Global insured losses for the first half of this year have plunged to $16.5 billion, which is close to half the ten-year average of $29 billion.
That is the finding of Swiss Re, the world’s second-largest reinsurer, in its preliminary estimates for the first six months of 2015.
And experts say there are signs that the Atlantic hurricane season, traditionally the biggest driver of global insured losses, may have entered a relatively quiet period that could last for ten to 15 years.
This is the third consecutive year that insured losses from natural catastrophes during the first six months of the year have been below the average for the 2005-2014 period.

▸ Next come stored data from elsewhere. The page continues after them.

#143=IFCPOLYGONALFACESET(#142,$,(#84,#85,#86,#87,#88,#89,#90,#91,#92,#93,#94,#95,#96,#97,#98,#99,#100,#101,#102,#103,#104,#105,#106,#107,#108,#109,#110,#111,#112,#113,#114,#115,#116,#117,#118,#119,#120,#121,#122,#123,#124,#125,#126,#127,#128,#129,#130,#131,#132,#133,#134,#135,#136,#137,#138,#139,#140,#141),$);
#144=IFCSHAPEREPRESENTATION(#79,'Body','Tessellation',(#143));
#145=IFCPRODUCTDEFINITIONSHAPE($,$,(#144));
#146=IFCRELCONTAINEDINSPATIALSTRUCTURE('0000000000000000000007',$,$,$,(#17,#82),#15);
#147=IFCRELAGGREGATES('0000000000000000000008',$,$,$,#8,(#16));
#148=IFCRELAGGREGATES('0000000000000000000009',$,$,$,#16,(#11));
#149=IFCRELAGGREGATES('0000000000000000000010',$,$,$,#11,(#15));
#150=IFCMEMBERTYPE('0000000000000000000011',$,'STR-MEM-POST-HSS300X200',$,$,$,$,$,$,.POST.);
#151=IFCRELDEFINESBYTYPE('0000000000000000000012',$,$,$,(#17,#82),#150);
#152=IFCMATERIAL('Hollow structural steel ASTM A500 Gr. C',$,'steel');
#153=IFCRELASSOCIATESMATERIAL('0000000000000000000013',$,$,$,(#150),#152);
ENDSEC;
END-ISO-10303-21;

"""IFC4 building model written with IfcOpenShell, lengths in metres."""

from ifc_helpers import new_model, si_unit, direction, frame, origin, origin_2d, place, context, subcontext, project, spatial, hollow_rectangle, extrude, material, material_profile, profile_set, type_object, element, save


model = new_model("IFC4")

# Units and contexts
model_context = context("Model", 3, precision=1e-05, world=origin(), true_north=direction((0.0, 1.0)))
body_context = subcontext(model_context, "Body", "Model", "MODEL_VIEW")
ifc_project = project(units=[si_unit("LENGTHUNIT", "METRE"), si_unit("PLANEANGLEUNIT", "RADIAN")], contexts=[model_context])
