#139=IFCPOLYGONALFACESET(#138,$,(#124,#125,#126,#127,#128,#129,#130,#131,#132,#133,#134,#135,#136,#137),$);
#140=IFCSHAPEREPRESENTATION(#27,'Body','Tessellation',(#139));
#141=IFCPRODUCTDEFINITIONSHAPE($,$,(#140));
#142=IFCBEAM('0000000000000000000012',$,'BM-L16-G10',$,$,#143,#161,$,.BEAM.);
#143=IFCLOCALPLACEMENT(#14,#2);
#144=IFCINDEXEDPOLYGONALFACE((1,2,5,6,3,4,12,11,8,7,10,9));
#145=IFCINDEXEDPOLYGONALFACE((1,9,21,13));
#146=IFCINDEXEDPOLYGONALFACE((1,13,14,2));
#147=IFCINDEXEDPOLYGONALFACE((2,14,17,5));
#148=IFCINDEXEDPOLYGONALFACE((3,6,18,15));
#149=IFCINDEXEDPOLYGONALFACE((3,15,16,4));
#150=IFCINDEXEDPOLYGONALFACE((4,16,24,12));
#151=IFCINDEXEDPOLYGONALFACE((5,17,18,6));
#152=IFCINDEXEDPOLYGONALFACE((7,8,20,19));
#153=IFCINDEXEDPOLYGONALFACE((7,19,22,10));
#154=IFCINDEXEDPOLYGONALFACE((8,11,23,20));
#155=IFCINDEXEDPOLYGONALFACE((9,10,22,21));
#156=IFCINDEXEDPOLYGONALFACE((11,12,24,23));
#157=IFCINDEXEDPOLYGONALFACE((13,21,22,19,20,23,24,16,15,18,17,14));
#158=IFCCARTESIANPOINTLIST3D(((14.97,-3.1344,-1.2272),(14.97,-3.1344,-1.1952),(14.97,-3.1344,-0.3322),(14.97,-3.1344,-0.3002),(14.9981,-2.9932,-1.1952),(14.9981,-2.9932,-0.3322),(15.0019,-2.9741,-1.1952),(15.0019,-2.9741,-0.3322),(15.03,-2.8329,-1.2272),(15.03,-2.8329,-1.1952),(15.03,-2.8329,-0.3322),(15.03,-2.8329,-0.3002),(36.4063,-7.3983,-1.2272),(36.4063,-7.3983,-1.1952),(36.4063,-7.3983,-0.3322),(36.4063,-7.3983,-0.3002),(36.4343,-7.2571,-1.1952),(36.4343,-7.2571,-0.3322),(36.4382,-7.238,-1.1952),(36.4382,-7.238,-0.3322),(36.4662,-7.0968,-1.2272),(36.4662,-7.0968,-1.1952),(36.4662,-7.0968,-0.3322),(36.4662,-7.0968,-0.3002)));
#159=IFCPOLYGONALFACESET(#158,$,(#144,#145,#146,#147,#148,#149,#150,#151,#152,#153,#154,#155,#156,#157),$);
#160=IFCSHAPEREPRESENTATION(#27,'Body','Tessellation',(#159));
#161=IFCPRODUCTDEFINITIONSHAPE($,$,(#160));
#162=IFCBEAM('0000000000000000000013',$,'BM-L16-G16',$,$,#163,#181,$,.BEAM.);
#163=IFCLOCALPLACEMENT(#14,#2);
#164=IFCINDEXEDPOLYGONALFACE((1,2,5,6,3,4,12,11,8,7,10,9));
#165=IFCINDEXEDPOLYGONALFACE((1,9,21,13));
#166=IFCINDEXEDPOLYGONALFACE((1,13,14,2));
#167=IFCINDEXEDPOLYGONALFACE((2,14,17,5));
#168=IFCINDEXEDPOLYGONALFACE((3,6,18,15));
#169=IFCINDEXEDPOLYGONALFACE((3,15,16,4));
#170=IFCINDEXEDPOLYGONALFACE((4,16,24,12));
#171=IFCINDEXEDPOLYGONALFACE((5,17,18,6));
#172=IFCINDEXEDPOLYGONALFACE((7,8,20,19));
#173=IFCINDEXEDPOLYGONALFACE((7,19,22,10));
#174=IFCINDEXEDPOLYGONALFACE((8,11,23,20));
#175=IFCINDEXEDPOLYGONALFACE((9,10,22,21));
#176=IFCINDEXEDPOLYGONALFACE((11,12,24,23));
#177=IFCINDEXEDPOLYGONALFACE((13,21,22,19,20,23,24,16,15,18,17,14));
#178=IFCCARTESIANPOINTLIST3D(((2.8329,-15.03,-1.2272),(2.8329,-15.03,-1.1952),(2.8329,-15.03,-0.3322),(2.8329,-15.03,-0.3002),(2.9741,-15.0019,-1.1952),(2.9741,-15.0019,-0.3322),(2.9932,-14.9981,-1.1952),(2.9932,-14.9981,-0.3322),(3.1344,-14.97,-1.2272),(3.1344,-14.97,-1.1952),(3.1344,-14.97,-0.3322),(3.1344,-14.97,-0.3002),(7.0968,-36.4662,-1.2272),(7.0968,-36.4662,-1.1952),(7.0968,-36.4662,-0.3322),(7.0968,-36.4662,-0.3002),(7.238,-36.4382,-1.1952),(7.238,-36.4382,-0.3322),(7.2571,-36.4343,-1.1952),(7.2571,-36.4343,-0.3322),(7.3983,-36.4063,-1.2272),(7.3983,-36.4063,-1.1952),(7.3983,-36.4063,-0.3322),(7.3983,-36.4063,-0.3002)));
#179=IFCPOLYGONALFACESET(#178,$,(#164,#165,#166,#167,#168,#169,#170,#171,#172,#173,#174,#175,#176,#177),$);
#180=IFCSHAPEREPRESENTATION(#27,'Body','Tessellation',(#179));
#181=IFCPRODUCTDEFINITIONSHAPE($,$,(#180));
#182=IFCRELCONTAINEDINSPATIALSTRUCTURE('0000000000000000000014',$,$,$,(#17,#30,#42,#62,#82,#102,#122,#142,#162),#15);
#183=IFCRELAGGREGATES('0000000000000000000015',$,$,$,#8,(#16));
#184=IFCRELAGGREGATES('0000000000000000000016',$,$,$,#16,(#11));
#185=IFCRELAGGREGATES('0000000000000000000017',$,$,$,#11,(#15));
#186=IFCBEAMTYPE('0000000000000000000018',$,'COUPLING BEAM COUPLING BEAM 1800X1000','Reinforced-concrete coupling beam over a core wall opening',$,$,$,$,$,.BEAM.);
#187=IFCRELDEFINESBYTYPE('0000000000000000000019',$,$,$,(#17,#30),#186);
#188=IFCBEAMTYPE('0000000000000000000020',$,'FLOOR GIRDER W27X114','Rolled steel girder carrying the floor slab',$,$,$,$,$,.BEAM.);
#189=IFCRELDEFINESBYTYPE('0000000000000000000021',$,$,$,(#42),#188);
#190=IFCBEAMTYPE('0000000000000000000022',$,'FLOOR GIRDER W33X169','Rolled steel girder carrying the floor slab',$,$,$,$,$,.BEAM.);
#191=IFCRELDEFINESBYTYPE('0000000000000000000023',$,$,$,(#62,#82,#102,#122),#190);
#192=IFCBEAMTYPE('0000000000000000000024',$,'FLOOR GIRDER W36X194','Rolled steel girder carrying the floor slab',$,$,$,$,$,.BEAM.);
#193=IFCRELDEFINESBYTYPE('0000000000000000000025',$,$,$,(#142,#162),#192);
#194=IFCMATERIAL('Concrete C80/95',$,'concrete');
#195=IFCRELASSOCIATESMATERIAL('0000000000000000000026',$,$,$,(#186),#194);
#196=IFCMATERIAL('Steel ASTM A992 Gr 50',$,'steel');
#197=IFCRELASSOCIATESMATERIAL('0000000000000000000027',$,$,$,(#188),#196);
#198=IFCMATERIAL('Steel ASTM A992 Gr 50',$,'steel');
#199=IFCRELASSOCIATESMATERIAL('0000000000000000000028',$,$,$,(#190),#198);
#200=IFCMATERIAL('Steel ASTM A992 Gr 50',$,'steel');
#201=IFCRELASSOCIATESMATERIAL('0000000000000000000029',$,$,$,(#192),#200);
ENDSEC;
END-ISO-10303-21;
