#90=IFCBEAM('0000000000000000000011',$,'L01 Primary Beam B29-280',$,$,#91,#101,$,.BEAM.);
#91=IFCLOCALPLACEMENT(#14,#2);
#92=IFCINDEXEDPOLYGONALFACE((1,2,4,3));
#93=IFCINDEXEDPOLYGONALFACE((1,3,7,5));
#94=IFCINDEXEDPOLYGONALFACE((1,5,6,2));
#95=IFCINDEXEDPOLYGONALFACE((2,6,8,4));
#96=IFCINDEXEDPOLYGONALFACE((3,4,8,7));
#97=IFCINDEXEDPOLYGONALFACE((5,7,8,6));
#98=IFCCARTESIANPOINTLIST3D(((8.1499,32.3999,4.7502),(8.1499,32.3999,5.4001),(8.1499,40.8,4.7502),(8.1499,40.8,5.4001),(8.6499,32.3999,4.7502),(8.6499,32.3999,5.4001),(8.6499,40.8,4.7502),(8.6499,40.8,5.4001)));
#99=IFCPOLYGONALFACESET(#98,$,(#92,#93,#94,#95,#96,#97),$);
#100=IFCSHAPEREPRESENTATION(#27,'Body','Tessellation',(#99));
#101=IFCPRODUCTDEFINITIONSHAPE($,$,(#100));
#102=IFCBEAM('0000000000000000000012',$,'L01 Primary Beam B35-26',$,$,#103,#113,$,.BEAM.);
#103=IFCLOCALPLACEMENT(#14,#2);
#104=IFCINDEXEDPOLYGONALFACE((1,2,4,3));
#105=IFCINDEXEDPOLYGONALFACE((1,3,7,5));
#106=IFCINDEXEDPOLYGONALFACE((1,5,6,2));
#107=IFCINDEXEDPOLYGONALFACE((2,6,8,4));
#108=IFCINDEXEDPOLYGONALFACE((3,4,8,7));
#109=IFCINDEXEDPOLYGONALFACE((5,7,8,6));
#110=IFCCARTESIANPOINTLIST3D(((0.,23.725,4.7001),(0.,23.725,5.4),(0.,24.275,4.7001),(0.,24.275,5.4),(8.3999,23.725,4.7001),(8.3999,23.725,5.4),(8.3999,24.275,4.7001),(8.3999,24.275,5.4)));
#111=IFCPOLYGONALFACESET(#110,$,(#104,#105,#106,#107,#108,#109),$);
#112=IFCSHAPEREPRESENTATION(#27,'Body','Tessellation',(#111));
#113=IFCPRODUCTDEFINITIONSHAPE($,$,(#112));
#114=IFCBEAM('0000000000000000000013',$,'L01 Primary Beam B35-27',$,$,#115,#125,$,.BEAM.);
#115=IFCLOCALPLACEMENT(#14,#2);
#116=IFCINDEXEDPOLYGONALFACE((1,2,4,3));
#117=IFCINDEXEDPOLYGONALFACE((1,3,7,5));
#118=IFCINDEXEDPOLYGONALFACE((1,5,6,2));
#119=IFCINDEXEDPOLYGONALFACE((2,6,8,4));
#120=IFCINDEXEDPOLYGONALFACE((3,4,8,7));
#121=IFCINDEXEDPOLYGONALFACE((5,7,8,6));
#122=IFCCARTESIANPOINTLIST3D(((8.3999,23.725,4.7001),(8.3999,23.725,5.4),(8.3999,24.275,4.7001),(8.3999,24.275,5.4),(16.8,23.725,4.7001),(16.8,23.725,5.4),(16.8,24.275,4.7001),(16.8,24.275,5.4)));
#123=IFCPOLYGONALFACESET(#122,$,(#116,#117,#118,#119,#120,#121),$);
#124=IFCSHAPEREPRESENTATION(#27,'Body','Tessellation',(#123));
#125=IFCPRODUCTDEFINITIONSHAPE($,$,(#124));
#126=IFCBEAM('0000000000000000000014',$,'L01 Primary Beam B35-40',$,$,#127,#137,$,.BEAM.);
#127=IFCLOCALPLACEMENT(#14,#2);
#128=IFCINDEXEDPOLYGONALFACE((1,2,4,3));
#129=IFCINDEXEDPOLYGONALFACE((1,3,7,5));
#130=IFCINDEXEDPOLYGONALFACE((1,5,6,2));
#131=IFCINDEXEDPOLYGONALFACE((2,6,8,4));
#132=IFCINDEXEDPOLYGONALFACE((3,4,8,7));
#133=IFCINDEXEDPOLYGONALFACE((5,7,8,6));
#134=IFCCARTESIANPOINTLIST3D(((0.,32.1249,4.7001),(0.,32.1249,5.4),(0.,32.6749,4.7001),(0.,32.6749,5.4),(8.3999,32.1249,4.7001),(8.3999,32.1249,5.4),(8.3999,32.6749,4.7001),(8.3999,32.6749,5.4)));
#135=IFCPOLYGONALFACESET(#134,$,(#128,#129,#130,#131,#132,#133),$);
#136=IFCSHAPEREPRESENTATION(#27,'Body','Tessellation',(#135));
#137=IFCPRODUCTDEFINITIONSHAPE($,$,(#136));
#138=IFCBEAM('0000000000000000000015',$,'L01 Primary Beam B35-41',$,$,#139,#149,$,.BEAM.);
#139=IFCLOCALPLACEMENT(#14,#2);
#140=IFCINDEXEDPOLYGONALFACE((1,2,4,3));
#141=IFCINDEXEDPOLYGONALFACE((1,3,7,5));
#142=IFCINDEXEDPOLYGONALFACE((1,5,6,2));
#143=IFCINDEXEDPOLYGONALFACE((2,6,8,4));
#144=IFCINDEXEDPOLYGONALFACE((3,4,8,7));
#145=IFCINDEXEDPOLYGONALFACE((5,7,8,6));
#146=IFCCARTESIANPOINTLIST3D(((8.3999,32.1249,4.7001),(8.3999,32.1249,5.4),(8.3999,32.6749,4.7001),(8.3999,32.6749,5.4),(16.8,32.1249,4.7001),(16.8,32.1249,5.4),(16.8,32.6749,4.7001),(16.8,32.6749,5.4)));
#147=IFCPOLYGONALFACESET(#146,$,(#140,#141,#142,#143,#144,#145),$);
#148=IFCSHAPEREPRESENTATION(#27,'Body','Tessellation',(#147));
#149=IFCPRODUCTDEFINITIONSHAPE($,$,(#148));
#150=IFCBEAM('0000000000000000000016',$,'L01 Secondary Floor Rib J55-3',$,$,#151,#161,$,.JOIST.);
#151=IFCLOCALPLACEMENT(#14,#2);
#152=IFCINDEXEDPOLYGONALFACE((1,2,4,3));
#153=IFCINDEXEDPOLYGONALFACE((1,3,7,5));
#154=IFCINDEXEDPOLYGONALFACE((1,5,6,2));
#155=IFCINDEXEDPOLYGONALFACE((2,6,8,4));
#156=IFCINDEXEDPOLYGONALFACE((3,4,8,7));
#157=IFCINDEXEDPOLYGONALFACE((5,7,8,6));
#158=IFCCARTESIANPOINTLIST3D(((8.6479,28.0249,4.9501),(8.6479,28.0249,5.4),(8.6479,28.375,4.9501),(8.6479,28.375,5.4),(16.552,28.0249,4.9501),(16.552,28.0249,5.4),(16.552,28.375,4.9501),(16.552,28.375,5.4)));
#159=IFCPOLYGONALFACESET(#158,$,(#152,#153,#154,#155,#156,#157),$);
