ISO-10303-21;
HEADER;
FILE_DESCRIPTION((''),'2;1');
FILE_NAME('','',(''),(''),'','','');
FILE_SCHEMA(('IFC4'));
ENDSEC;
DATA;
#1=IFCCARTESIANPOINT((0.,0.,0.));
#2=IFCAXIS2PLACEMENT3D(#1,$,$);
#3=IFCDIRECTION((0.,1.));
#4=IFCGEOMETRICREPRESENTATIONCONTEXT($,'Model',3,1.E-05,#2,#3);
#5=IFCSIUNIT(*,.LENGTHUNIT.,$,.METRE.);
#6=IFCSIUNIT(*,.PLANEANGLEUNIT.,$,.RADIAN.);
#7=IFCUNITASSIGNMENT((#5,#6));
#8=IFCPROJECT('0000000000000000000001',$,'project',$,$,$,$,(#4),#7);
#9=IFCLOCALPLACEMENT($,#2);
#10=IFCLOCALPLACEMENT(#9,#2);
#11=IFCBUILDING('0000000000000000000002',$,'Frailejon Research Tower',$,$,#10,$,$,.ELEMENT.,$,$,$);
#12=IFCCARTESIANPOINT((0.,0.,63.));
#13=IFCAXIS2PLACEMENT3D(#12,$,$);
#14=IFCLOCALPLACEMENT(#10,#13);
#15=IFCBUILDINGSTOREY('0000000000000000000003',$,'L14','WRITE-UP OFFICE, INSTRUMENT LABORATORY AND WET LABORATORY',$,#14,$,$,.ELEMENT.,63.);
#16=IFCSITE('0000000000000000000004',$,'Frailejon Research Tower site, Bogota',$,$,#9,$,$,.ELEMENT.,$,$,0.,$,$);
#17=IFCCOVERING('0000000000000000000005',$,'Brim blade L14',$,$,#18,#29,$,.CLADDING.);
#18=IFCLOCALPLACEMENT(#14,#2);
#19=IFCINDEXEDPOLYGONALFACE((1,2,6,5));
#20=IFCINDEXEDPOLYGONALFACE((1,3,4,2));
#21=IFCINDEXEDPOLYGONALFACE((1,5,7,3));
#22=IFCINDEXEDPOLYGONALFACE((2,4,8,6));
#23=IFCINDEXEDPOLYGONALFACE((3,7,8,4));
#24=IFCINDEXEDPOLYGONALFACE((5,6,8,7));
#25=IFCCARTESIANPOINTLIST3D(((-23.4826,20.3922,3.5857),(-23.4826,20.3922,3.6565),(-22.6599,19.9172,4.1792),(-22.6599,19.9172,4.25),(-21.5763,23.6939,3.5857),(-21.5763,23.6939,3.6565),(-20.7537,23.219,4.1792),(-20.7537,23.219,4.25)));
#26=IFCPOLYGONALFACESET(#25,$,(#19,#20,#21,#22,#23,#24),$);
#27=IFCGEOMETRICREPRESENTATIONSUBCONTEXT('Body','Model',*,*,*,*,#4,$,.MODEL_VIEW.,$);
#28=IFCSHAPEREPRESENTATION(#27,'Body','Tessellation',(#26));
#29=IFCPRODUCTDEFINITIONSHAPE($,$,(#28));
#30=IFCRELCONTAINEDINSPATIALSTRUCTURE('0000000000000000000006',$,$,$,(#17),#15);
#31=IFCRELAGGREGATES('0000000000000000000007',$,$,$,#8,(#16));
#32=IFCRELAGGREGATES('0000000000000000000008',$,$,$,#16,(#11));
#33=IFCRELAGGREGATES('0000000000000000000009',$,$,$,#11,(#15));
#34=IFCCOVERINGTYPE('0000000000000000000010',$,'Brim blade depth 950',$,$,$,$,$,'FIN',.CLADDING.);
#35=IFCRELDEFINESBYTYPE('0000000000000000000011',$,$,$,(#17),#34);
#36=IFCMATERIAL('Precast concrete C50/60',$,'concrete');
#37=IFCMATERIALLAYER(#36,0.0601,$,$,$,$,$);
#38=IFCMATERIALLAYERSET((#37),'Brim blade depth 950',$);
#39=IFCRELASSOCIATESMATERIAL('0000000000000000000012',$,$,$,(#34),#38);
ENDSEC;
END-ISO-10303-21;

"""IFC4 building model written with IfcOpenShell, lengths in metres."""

from ifc_helpers import new_model, si_unit, direction, frame, origin, place, context, subcontext, project, spatial, polyline, outline, extrude, material, layer, layer_set, type_object, element, save


model = new_model("IFC4")

# Units and contexts
model_context = context("Model", 3, precision=1e-05, world=origin(), true_north=direction((0.0, 1.0)))
body_context = subcontext(model_context, "Body", "Model", "MODEL_VIEW")
ifc_project = project(units=[si_unit("LENGTHUNIT", "METRE"), si_unit("PLANEANGLEUNIT", "RADIAN")], contexts=[model_context])

# Site, building, storey
site_placement = place(None, origin())
site = spatial("IfcSite", under=ifc_project, at=site_placement, Name="Frailejon Research Tower site, Bogota", CompositionType="ELEMENT", RefElevation=0.0)
building_placement = place(site_placement, origin())
building = spatial("IfcBuilding", under=site, at=building_placement, Name="Frailejon Research Tower", CompositionType="ELEMENT")
storey_placement = place(building_placement, frame((0.0, 0.0, 63.0)))
storey = spatial("IfcBuildingStorey", under=building, at=storey_placement, Name="L14", Description="WRITE-UP OFFICE, INSTRUMENT LABORATORY AND WET LABORATORY", CompositionType="ELEMENT", Elevation=63.0)

# Covering
ifc_material_1 = material(Name="Precast concrete C50/60", Category="concrete")
ifc_layer_1 = layer(ifc_material_1, 0.0601)
ifc_layer_set_1 = layer_set([ifc_layer_1], Name="Brim blade depth 950")
covering_type_1 = type_object("IfcCoveringType", Name="Brim blade depth 950", ElementType="FIN", PredefinedType="CLADDING", material=ifc_layer_set_1)
covering_1_placement = place(storey_placement, frame((-22.6599, 19.9172, 4.25), z_axis=(0.500001, 0.866025, 0.0), x_axis=(-0.866025, 0.500001, 0.0)))
element("IfcCovering", 1, at=covering_1_placement, inside=storey, type_object=covering_type_1, Name="Brim blade L14", PredefinedType="CLADDING", context=body_context, shape_type="SweptSolid", body=[
    extrude(outline(polyline([(0.0, -0.0708), (0.95, -0.6643), (0.95, -0.5935), (0.0, 0.0), (0.0, -0.0708)])), origin(), (0.0, 0.0, 1.0), 3.8125),
])

save(model, "model.ifc")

Conversely, the global insurance industry covered almost half of economic losses caused by natural and man-made disasters during the first half of this year, a full 45 per cent, which is well above the ten-year average of 27 per cent, according to Swiss Re’s data.
A lack of disasters and catastrophes in regions with strong insurance market penetration has resulted in declining levels of insured losses since 2011, the year that saw the double disaster of the Tohoku earthquake and tsunami in Japan.
It has been a record-equalling ten years since a major hurricane (Category 3 or above) made landfall in the US. The last was Wilma in 2005.
Aon Benfield, which is part of reinsurance intermediary and capital adviser Aon, commented on the falling trend in insured losses in its latest reinsurance outlook report. It said: “Should current trends from the first half of the year continue, there are currently no regions of the world on pace to surpass their ten-year average in 2015.”
Florida is the US state that has historically been most affected by hurricanes and tropical storms. Since 1871 there have been only five occasions, including the current one, when a ten-year period has elapsed between Category 3 hurricane landfalls.
According to the Florida-based National Hurricane Centre mid-August traditionally marks the start of the peak hurricane season in the Atlantic, but this year has yet to see its first Atlantic hurricane.
Jim Lynch, chief actuary at the Insurance Information Institute in New York, said the big insured losses tend to come from hurricanes striking the southeast US.
“The hurricane cycle tends to be a good indicator for the industry. There has been nothing significant in Florida since 2005,” he said.
“In terms of hurricanes it has been a fallow time. The hurricane forecasters are starting to think we are moving into a period of lower hurricane activity that could last for the next ten to 15 years. That’s what they are thinking at the moment, although the science is not exact.
“There is a cyclical pattern and we were in the peak period during the past ten years.”
The hurricane cycle is known as the Atlantic Multidecadal Oscillation, or AMO, and is influenced by the sea surface temperatures in the North Atlantic. When the sea temperatures are cooler there tends to be less hurricane activity.
Since 2012 the AMO has been negative, with cooler sea temperatures, according to Colorado State University scientist Phil Klotzbach, who spoke on the matter with the Houston Chronicle in May.
Insured losses attributed to hurricanes have waned for most of the past decade, with the exception of Hurricane Sandy, which caused $65 billion of damage when it hit the northeastern US in 2012.
That said, natural disasters have not gone away. They have shown up in places with much lower levels of insurance penetration. The earthquakes in Nepal, in April and May, claimed more than 9,000 lives and caused economic losses of at least $5 billion, of which only $160 million were insured losses.
“The tragic events in Nepal are a reminder of the utility of insurance,” said Kurt Karl, chief economist at Swiss Re, in a note on the company’s preliminary sigma estimates for the first-half of this year.
“Insurance cover does not lessen the emotional trauma that natural catastrophes inflict, but it can help people better manage the financial fallout from disasters so they can start to rebuild their lives.”
This point was picked up by Mr Lynch, who said insurance penetration rates were low in the Nepal earthquake region, and in the Philippines where some large typhoons have struck this year. He said the insurance industry was looking at how to increase coverage in those markets.
However, he does not feel it is the lack of big insured losses, and the consequential soft market conditions, that are driving the wave of mergers and acquisitions among insurers and reinsurers.
“What is driving that, more than a lack of catastrophes, is the emergence of new capital. You have collateralised reinsurance and cat bonds. And when the companies are booking profits they have to find ways to deploy that capital,” he said.